An Irishman's Diary


THE SEARCH for currency stability in Europe has a very long history. It was a central preoccupation, for example, of the Hanseatic League, which as you’ll remember from your schoolbooks was a commercial association of cities in Northern Europe during the Middle Ages.

Merchants from the league, who depended on secure exchange rates, were known in England as “easterlings”. And it’s a bit of an irony that this word was later shortened to become, in its singular form, the name of the one of the main European currencies now not in the euro.

The Hanseatic League was a forerunner of the European Economic Community, if not of the EU. It was mostly concerned with business and never had a constitution or centralised government. But it did have laws. And as its control of the Baltic Sea was gradually threatened by political entities, chiefly Denmark, it also eventually resorted to raising navies and the taxes required to pay for them.

There were some military victories as a result. Then, from about 1400 onwards, the league went into a long, slow decline. Much of this was down to the competition from other emerging modern states, including England and Prussia. Some was just down to bad luck. As Norman Davies writes in Europe – A History: “the Baltic herring shoals mysteriously relocated to the North Sea in the fifteenth century”. There wasn’t much the merchants could do about that.

Although Germanic in origin, the league was not confined to Germany, or indeed to northern coastal cities. People who visited Poland last month for the football will not be surprised to learn that it also extended as far south as Wroclaw and Cracow.

(Poznan was not a member, surprisingly, even though its modern-day merchants seem to have inherited the Hanseatic talent for trading.) But of course Gdansk, or in its old German name Danzig, was central to the association, benefiting especially from the monopoly that the league once enjoyed on ship-building in Europe. The handsome buildings of the city’s old centre (heavily bombed in the second World War and since restored) recall an era when, together with Lubeck, Danzig ruled the waves.

And even more impressive, arguably, is Torun, the inland city where thousands of Irish fans overnighted en route between the Euro 2012 match venues. That too was a league member, with the consequent commercial benefits. Its beautiful old centre, including the reputed birthplace of Copernicus, is Poland’s finest collection of medieval buildings outside Cracow.

MAYBE SOMETHING of this Hanseatic inheritance contributed to making Poland the country where communism, with its severe restrictions on trade, foundered. Or perhaps that’s stretching the influence of the Middle Ages too far. In any case, it was in the modern shipyards of Gdansk – though they never thrived, under Soviet rule or since – that the USSR met its nemesis.

Most Irish people will be somewhat familiar with the history of 1980s Poland, from the rise and suppression of Solidarity through to its eventual triumph in 1989, which then reverberated across the eastern bloc. But for some of us at least, attendance at Euro 2012 was an education in the extent to which those famous events were just a continuation of earlier protests, both in Gdansk and in Poznan.

The tale is told by two, strikingly similar monuments.
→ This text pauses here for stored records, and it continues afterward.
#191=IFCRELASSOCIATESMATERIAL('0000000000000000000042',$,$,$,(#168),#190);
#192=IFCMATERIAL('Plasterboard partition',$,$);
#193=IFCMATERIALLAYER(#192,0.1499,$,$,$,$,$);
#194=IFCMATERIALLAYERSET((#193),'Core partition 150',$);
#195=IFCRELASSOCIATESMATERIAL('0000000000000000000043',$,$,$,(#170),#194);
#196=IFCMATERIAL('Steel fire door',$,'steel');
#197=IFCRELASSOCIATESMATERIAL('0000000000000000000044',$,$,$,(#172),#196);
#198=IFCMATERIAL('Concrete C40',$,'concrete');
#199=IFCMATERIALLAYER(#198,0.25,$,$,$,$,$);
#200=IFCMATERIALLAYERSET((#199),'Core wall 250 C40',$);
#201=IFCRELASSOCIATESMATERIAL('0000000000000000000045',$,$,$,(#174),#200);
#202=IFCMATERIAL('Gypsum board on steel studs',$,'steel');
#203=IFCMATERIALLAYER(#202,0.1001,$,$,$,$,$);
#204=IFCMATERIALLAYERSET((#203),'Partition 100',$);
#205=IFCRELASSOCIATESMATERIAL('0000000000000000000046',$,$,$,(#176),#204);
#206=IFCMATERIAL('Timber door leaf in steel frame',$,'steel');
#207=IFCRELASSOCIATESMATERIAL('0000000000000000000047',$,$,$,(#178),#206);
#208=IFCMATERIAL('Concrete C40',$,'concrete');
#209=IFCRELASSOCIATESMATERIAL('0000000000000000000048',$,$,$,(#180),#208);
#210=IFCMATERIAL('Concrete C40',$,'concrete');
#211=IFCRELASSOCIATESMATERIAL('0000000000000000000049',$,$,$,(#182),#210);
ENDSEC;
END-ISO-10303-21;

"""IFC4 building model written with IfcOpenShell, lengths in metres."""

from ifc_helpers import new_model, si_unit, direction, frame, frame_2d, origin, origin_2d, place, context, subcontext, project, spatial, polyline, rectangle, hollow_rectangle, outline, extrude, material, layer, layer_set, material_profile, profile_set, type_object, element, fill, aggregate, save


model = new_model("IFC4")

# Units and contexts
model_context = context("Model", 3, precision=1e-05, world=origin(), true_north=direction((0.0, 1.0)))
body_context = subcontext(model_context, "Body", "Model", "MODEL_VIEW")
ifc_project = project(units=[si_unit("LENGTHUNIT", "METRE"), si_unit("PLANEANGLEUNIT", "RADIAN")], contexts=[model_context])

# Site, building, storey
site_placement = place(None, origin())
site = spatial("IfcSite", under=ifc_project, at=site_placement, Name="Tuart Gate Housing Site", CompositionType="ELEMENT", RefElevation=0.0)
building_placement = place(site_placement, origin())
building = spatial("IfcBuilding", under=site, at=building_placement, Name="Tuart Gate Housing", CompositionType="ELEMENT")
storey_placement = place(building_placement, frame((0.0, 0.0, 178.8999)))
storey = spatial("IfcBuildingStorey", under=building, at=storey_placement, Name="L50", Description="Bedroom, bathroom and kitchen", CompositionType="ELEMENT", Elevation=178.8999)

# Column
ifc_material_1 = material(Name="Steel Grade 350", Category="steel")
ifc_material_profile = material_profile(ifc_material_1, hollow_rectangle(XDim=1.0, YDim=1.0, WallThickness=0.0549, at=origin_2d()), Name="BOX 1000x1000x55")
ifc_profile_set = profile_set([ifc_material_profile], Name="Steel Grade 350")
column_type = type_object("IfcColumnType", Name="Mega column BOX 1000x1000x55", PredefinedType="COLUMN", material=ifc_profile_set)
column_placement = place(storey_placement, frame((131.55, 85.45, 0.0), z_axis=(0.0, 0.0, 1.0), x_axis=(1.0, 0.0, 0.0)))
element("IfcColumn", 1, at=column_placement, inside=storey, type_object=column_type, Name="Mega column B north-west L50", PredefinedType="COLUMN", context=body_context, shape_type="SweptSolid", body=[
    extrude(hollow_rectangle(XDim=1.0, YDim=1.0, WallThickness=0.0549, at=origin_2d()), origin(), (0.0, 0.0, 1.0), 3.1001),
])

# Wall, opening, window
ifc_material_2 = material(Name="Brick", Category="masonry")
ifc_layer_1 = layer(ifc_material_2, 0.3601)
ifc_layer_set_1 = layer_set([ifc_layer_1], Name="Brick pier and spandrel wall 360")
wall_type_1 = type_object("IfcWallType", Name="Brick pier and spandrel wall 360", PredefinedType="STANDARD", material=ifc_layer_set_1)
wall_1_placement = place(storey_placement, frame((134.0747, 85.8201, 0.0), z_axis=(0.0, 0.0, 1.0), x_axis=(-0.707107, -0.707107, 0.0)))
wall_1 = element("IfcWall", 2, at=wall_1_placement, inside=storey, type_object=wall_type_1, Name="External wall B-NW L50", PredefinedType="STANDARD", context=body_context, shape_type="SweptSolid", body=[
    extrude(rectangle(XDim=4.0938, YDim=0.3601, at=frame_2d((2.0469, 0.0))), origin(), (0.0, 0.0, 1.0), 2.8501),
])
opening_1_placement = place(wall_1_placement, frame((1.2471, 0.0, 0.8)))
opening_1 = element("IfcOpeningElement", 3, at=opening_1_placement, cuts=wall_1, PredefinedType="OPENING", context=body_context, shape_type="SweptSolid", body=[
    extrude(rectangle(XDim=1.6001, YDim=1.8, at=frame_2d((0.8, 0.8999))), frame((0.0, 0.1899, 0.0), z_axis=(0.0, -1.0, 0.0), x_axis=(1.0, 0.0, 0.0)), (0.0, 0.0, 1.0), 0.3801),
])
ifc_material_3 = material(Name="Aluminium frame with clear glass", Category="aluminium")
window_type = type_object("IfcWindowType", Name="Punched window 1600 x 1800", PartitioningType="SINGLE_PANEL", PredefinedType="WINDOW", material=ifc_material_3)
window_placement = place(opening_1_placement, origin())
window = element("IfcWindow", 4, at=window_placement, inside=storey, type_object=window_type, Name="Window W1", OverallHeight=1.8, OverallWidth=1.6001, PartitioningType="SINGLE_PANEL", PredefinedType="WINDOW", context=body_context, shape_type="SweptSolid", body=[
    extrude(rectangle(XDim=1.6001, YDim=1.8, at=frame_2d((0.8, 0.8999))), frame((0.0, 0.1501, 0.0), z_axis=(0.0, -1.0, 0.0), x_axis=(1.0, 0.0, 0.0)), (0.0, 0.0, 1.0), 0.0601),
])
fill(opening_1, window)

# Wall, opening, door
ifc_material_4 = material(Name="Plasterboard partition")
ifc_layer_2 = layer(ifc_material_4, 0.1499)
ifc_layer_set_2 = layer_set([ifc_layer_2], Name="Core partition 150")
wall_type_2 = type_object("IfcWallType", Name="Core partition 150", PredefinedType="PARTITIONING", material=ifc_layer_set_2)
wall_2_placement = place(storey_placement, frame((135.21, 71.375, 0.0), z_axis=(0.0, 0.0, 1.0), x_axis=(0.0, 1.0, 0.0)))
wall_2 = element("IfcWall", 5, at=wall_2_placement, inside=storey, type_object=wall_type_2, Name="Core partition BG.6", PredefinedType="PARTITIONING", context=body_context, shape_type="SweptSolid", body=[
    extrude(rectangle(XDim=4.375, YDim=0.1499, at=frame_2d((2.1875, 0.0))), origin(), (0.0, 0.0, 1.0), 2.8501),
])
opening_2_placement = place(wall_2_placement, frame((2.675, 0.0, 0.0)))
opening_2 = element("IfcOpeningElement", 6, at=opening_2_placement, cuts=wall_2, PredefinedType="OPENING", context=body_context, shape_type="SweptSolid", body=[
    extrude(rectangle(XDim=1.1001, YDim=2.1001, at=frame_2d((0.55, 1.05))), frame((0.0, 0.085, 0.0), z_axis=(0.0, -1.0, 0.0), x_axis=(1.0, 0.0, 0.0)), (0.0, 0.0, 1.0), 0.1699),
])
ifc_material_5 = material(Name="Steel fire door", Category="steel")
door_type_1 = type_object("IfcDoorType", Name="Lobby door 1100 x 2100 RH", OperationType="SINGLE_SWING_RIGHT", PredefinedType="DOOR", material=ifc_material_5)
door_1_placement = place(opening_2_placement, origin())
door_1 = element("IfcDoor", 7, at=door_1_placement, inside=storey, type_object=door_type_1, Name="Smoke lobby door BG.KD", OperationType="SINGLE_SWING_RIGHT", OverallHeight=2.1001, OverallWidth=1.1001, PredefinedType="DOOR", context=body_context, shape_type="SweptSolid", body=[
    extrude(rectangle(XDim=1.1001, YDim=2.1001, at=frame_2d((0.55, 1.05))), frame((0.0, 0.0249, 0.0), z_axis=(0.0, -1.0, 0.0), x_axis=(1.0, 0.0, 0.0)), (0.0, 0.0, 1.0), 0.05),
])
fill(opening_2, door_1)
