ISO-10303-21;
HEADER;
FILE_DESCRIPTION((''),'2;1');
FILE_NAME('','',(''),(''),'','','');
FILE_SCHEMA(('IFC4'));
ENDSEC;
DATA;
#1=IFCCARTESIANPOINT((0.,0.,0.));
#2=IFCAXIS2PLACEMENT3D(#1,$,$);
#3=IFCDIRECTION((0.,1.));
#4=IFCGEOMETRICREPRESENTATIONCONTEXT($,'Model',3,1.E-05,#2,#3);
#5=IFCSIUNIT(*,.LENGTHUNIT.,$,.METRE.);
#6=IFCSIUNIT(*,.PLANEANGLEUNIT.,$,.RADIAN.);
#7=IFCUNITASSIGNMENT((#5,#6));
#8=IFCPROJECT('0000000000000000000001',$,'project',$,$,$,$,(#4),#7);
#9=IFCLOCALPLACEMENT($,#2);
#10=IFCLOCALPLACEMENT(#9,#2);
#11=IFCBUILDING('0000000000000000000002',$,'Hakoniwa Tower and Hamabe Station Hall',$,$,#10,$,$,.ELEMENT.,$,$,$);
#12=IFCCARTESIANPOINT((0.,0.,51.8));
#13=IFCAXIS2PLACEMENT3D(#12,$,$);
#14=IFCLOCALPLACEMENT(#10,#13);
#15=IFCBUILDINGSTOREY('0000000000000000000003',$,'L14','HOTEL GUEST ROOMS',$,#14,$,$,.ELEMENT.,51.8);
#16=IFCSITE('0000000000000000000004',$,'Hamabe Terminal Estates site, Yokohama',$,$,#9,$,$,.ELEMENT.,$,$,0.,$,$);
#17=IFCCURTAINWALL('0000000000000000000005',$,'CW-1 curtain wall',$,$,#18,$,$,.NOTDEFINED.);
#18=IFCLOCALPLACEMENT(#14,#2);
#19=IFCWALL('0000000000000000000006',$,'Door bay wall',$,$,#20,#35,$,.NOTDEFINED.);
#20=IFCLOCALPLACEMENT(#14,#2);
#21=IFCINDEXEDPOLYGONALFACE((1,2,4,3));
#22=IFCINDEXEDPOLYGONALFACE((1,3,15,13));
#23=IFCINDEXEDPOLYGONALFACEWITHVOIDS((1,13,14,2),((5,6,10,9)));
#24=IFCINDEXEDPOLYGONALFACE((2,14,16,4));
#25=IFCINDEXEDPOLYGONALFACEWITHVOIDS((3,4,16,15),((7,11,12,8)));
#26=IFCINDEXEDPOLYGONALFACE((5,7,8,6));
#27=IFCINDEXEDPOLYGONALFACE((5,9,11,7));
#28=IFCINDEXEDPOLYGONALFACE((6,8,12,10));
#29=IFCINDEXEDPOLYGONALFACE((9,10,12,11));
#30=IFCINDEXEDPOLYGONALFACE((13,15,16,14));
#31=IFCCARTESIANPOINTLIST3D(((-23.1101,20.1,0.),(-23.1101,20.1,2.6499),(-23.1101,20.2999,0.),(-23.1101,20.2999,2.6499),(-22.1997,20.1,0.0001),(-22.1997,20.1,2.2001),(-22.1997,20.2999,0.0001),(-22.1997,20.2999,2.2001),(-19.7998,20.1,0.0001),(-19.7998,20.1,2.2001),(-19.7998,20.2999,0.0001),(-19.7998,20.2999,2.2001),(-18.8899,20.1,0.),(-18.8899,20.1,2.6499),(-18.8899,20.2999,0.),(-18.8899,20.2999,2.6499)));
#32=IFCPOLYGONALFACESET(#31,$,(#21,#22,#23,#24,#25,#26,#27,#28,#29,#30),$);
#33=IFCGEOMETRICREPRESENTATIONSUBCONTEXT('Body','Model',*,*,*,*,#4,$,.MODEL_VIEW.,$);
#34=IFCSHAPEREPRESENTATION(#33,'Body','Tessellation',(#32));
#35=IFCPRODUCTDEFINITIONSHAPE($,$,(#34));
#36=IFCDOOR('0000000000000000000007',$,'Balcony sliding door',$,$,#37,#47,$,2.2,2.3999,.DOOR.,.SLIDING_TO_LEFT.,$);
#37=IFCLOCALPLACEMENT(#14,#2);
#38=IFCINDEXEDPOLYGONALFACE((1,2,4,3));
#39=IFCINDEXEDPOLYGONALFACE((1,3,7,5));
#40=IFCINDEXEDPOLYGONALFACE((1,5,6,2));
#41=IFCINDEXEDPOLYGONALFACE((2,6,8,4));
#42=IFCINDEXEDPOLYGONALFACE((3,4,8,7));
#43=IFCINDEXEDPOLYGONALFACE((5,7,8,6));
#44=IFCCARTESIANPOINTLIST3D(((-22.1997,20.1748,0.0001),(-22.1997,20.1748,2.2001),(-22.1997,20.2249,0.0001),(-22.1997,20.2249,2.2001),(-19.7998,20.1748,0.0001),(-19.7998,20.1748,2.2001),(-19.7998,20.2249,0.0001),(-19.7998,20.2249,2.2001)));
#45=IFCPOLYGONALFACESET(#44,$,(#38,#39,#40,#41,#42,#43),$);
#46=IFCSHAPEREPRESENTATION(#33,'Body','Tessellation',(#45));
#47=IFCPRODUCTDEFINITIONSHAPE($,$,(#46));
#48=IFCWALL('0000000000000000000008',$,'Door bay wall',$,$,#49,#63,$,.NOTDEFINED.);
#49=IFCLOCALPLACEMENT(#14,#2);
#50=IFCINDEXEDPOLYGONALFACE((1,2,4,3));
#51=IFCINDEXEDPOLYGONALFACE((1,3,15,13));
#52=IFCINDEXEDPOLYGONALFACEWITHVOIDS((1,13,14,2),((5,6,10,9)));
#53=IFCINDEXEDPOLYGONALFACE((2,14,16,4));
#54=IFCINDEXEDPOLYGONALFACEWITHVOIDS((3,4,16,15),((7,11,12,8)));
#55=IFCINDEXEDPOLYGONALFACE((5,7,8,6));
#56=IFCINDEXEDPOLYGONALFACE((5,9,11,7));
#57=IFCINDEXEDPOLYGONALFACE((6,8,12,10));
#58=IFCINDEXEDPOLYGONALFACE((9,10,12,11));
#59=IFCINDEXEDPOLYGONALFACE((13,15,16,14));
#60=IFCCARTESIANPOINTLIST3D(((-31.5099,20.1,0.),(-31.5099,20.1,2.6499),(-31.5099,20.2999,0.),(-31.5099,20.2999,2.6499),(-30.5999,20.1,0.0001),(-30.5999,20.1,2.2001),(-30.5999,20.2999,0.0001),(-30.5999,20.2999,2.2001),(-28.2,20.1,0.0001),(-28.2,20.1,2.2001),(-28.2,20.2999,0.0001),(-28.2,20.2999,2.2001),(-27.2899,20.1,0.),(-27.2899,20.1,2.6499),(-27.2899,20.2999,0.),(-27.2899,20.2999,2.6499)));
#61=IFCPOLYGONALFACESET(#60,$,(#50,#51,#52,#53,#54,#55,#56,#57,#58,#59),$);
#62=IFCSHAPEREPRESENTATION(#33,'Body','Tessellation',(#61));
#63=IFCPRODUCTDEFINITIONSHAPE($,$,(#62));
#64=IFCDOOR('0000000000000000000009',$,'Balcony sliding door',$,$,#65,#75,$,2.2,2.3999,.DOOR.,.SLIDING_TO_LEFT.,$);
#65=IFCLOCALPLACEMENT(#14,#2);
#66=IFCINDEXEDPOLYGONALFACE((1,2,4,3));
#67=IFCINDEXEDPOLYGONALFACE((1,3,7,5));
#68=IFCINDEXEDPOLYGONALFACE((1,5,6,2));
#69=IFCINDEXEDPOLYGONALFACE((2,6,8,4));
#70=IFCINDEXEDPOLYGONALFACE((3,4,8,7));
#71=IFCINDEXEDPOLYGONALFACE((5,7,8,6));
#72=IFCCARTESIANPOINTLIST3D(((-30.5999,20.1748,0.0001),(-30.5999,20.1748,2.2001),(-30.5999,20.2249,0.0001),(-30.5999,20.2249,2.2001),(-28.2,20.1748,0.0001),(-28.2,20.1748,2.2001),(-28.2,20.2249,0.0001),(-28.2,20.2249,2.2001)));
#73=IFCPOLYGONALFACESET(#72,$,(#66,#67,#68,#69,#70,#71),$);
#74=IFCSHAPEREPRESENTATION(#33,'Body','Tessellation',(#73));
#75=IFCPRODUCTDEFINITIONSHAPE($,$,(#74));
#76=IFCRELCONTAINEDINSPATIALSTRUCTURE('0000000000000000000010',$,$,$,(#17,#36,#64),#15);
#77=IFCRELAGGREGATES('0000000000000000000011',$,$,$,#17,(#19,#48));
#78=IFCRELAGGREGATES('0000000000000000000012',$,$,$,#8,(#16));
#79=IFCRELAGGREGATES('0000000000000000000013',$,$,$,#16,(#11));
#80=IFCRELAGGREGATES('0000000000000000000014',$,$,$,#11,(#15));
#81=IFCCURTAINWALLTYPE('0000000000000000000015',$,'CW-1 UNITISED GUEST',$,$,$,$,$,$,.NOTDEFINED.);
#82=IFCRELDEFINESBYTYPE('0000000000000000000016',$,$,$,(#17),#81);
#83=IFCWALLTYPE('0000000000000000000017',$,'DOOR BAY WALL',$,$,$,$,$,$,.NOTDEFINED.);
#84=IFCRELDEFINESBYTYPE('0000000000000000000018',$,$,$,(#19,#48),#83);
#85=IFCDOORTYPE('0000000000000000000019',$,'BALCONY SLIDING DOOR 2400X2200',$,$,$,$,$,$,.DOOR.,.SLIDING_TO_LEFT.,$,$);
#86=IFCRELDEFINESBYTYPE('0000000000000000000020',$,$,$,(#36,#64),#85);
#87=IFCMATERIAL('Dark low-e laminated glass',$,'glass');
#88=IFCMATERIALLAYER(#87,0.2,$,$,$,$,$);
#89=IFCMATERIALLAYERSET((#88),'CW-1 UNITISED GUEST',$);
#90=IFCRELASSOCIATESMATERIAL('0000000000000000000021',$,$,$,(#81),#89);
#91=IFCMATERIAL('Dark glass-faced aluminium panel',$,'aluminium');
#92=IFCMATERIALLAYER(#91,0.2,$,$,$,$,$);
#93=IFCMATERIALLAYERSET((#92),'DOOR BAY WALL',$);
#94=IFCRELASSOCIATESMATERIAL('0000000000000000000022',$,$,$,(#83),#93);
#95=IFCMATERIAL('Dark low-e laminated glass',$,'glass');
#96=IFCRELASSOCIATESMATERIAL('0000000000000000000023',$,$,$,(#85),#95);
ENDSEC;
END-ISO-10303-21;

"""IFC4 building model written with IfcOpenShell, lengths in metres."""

from ifc_helpers import new_model, si_unit, direction, frame, frame_2d, origin, place, context, subcontext, project, spatial, rectangle, extrude, material, layer, layer_set, type_object, element, fill, aggregate, save


model = new_model("IFC4")

# Units and contexts
model_context = context("Model", 3, precision=1e-05, world=origin(), true_north=direction((0.0, 1.0)))
body_context = subcontext(model_context, "Body", "Model", "MODEL_VIEW")
ifc_project = project(units=[si_unit("LENGTHUNIT", "METRE"), si_unit("PLANEANGLEUNIT", "RADIAN")], contexts=[model_context])

# Site, building, storey
site_placement = place(None, origin())
site = spatial("IfcSite", under=ifc_project, at=site_placement, Name="Hamabe Terminal Estates site, Yokohama", CompositionType="ELEMENT", RefElevation=0.0)
building_placement = place(site_placement, origin())
building = spatial("IfcBuilding", under=site, at=building_placement, Name="Hakoniwa Tower and Hamabe Station Hall", CompositionType="ELEMENT")
storey_placement = place(building_placement, frame((0.0, 0.0, 51.8)))
storey = spatial("IfcBuildingStorey", under=building, at=storey_placement, Name="L14", Description="HOTEL GUEST ROOMS", CompositionType="ELEMENT", Elevation=51.8)

# Curtain wall
ifc_material_1 = material(Name="Dark low-e laminated glass", Category="glass")
ifc_layer_1 = layer(ifc_material_1, 0.2)
ifc_layer_set_1 = layer_set([ifc_layer_1], Name="CW-1 UNITISED GUEST")
curtain_wall_type = type_object("IfcCurtainWallType", Name="CW-1 UNITISED GUEST", PredefinedType="NOTDEFINED", material=ifc_layer_set_1)
curtain_wall_placement = place(storey_placement, origin())
curtain_wall = element("IfcCurtainWall", 1, at=curtain_wall_placement, inside=storey, type_object=curtain_wall_type, Name="CW-1 curtain wall", PredefinedType="NOTDEFINED")

# Walls, openings, doors
ifc_material_2 = material(Name="Dark glass-faced aluminium panel", Category="aluminium")
ifc_layer_2 = layer(ifc_material_2, 0.2)
ifc_layer_set_2 = layer_set([ifc_layer_2], Name="DOOR BAY WALL")
wall_type_1 = type_object("IfcWallType", Name="DOOR BAY WALL", PredefinedType="NOTDEFINED", material=ifc_layer_set_2)
wall_1_placement = place(storey_placement, frame((-18.8899, 20.2, 0.0), z_axis=(0.0, 0.0, 1.0), x_axis=(-1.0, 0.0, 0.0)))
wall_1 = element("IfcWall", 2, at=wall_1_placement, type_object=wall_type_1, Name="Door bay wall", PredefinedType="NOTDEFINED", context=body_context, shape_type="SweptSolid", body=[
    extrude(rectangle(XDim=4.2202, YDim=0.2, at=frame_2d((2.1101, 0.0))), origin(), (0.0, 0.0, 1.0), 2.6499),
])
opening_1_placement = place(wall_1_placement, frame((0.9099, 0.0, 0.0)))
opening_1 = element("IfcOpeningElement", 3, at=opening_1_placement, cuts=wall_1, PredefinedType="OPENING", context=body_context, shape_type="SweptSolid", body=[
    extrude(rectangle(XDim=2.3999, YDim=2.2, at=frame_2d((1.2, 1.1001))), frame((0.0, 0.1099, 0.0), z_axis=(0.0, -1.0, 0.0), x_axis=(1.0, 0.0, 0.0)), (0.0, 0.0, 1.0), 0.22),
])
ifc_material_3 = material(Name="Dark low-e laminated glass", Category="glass")
door_type_1 = type_object("IfcDoorType", Name="BALCONY SLIDING DOOR 2400X2200", OperationType="SLIDING_TO_LEFT", PredefinedType="DOOR", material=ifc_material_3)
door_1_placement = place(opening_1_placement, frame((2.3999, 0.0, 0.0), z_axis=(0.0, 0.0, 1.0), x_axis=(-1.0, 0.0, 0.0)))
door_1 = element("IfcDoor", 4, at=door_1_placement, inside=storey, type_object=door_type_1, Name="Balcony sliding door", OperationType="SLIDING_TO_LEFT", OverallHeight=2.2, OverallWidth=2.3999, PredefinedType="DOOR", context=body_context, shape_type="SweptSolid", body=[
    extrude(rectangle(XDim=2.3999, YDim=2.2, at=frame_2d((1.2, 1.1001))), frame((0.0, 0.0249, 0.0), z_axis=(0.0, -1.0, 0.0), x_axis=(1.0, 0.0, 0.0)), (0.0, 0.0, 1.0), 0.05),
])
fill(opening_1, door_1)
wall_2_placement = place(storey_placement, frame((-27.29, 20.2, 0.0), z_axis=(0.0, 0.0, 1.0), x_axis=(-1.0, 0.0, 0.0)))
wall_2 = element("IfcWall", 5, at=wall_2_placement, type_object=wall_type_1, Name="Door bay wall", PredefinedType="NOTDEFINED", context=body_context, shape_type="SweptSolid", body=[
    extrude(rectangle(XDim=4.22, YDim=0.2, at=frame_2d((2.1099, 0.0))), origin(), (0.0, 0.0, 1.0), 2.6499),
])
opening_2_placement = place(wall_2_placement, frame((0.9099, 0.0, 0.0)))
opening_2 = element("IfcOpeningElement", 6, at=opening_2_placement, cuts=wall_2, PredefinedType="OPENING", context=body_context, shape_type="SweptSolid", body=[
    extrude(rectangle(XDim=2.3999, YDim=2.2, at=frame_2d((1.2, 1.1001))), frame((0.0, 0.1099, 0.0), z_axis=(0.0, -1.0, 0.0), x_axis=(1.0, 0.0, 0.0)), (0.0, 0.0, 1.0), 0.22),
])
door_2_placement = place(opening_2_placement, frame((2.3999, 0.0, 0.0), z_axis=(0.0, 0.0, 1.0), x_axis=(-1.0, 0.0, 0.0)))
door_2 = element("IfcDoor", 7, at=door_2_placement, inside=storey, type_object=door_type_1, Name="Balcony sliding door", OperationType="SLIDING_TO_LEFT", OverallHeight=2.2, OverallWidth=2.3999, PredefinedType="DOOR", context=body_context, shape_type="SweptSolid", body=[
    extrude(rectangle(XDim=2.3999, YDim=2.2, at=frame_2d((1.2, 1.1001))), frame((0.0, 0.0249, 0.0), z_axis=(0.0, -1.0, 0.0), x_axis=(1.0, 0.0, 0.0)), (0.0, 0.0, 1.0), 0.05),
])
fill(opening_2, door_2)
aggregate(curtain_wall, [wall_1, wall_2])

save(model, "model.ifc")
In Poznan, a pair of giant crosses commemorate the victims of the “bread riots” of 1956, when 100,000 people protested against rising food prices and soldiers fired on them, killing at least 57 people.

The death-toll is still debated, such was the clampdown that followed. So, like the Gdansk monument, which features a cluster of three crosses, with ships’ anchors attached, the one in Poznan was only erected after the first successes of Solidarity in 1980.

But the Gdansk crosses in their turn mark an earlier protest at the shipyards, in 1970, when upwards of 42 people were shot dead. Those disturbances too had been provoked by rising food prices; a concession of defeat by the authorities after years of unsustainable subsidisation, which itself had been a response to what happened in Poznan.

Although it could hardly have seemed that way at the time, the events of 1956, 1970, and 1980 now all look like a part of a continuum, leading inevitably to the reforms that eventually swept communism away, not just in Poland, but in Europe.

Today the Gdansk shipyards are a rather sad and decrepit reminder of all that turbulent 20th-century history. As for hints of the port’s prosperity in medieval times, you have to look elsewhere, to the 15th-century wooden crane near the old town centre and the stately buildings.

Meanwhile, elsewhere in northern Europe, echoes of the Hanseatic League’s experiment in co-operation for mutual benefit can still to be heard occasionally.

I flew home last month with Lufthansa, whose name includes the same root word, “hansa”, meaning “commercial association”. The flight left on time, offered generous leg-room, and in a throwback to 20th-century luxury, still served dinner to all passengers. Mind you, the dinner consisted a cold German sausage, cold mashed potato, and a gherkin (also cold). So as a symbol of prosperity, even that was pale imitation of former glories.